Competing Interests: The authors do not have any duty for their research to Kowa Company except sharing products from their research. The authors have already applied for a patent on selenoprotein P to apply the treatment of dry eye ((WO 2006/137426) PROPHYLACTIC OR THERAPEUTIC AGENT FOR CORNEAL/CONJUNCTIVAL DISEASE). The authors do not have any relationship with Kowa Company for employment or consultancy. The authors declare that this does not alter their adherence to all the PLoS ONE policies on sharing data and materials.

Figures

Figure 1
Figure 1. Preparation of dry eye rat model.

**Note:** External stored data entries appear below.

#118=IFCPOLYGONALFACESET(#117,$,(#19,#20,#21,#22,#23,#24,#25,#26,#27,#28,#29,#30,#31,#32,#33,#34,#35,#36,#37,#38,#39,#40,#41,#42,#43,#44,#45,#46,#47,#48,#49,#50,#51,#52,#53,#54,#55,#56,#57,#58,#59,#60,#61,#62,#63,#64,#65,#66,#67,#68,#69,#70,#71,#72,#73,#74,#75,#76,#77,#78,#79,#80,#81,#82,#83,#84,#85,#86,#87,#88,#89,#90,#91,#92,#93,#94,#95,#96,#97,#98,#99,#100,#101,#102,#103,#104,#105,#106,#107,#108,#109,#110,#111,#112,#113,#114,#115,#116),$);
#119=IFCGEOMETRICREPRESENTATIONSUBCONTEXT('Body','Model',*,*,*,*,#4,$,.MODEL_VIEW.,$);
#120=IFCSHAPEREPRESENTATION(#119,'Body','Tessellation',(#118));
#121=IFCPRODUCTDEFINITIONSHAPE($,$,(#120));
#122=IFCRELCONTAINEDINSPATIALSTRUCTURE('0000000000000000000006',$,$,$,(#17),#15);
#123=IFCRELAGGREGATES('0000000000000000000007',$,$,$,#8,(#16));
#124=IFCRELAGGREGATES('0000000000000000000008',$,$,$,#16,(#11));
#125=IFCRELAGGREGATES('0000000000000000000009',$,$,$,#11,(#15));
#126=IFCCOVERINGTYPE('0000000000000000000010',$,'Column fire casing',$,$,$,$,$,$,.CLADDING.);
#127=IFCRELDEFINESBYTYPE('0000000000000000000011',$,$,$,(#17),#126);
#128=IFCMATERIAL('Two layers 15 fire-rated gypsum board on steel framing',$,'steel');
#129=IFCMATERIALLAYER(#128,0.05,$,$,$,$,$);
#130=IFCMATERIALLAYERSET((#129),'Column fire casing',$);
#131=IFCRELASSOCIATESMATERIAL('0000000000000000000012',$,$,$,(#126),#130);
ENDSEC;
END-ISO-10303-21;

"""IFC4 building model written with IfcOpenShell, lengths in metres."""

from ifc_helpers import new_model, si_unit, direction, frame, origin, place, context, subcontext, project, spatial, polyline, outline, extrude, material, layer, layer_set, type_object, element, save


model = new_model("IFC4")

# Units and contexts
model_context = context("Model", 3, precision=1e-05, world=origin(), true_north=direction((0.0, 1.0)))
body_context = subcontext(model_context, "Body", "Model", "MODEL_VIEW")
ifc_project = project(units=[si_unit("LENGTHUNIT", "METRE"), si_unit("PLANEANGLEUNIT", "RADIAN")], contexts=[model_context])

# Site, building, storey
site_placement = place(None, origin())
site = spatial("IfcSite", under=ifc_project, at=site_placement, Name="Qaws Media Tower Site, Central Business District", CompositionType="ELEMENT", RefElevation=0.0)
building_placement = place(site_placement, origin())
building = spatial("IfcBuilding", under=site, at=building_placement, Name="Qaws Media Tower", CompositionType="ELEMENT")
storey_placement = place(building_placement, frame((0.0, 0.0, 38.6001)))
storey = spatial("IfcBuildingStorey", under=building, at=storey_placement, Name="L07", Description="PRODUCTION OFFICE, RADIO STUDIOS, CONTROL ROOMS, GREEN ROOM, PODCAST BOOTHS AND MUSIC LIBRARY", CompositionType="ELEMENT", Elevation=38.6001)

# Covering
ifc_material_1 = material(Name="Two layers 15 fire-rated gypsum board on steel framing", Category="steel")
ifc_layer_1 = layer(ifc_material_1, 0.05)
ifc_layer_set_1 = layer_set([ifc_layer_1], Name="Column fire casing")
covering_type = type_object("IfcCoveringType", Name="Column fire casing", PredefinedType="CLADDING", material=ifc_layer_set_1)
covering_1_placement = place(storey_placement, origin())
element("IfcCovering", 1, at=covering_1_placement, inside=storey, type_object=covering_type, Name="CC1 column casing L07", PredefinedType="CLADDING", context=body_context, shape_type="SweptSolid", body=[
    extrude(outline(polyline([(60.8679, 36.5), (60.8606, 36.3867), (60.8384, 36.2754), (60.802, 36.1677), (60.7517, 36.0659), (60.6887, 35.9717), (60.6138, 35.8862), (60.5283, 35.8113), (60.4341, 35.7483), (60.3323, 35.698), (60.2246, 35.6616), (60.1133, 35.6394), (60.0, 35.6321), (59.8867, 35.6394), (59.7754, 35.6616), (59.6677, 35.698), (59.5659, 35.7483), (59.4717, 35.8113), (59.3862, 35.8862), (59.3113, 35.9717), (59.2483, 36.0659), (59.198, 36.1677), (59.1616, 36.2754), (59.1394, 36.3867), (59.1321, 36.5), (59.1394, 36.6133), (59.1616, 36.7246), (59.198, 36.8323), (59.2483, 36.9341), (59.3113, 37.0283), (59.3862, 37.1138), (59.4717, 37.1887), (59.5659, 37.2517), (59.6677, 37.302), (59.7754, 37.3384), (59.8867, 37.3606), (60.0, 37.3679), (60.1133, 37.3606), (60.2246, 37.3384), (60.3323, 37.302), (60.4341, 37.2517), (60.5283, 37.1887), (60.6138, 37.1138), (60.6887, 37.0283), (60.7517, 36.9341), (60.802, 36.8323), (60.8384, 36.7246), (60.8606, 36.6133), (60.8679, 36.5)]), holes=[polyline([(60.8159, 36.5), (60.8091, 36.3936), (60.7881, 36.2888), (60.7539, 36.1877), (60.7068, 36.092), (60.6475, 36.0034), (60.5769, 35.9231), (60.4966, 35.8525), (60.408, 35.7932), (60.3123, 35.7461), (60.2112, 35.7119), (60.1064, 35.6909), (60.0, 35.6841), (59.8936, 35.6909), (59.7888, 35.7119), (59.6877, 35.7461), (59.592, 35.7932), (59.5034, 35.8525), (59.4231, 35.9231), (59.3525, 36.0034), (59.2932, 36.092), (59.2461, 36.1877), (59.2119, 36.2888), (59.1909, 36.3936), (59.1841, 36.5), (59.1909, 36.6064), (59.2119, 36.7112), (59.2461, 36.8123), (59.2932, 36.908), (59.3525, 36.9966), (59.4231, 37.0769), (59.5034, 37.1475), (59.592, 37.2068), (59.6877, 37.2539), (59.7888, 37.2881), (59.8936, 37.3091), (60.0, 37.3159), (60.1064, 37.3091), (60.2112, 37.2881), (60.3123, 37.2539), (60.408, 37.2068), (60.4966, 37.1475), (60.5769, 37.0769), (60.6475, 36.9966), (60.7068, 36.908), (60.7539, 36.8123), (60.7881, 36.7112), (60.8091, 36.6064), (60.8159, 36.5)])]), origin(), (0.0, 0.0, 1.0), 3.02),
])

a: Measurement of tear volume secreted from normal eye or lacrimal gland-removed eye of rats. The vertical axis shows tear volume measured by cotton thread. Results are expressed as mean ± S.D. Dunnett's test was used to determine the significance of differences. * and **indicates a significant difference from the result in normal side, P<0.05 and <0.01, respectively. b: Corneal fluorescein staining in normal rats and rats with dry eye. The vertical axis shows score of the fluorescein-stained area. Dunnett's test was used to determine the significance of differences. ** indicates a significant difference from the result at 0 week, P<0.01 (n = 10). c: Photo of cornea stained by fluorescein after 4 weeks treatment. d: Increase of marker during oxidative stress. Ratio of 8-OHdG content in the cornea between the dry eye and normal eye. Results are expressed as mean ± S.D. Dunnett's test was used to determine the significance of differences. * and *** indicates a significant difference from the result in 1-week removal, P<0.05 and <0.005, respectively. e, f: Oxidative stress markers in cornea of normal rats and rats with dry eye. Contents of 8-OHdG (e) and HEL (f) in a dry eye and normal corneas. t-test was used to determine the significance of differences. * indicates a significant difference from the result in normal side, P<0.05. Results are expressed as the mean ± S.D. (n = 10).
Figure 2
Figure 2. Effects of SeP eye drops on the cornea of a dry eye rat model.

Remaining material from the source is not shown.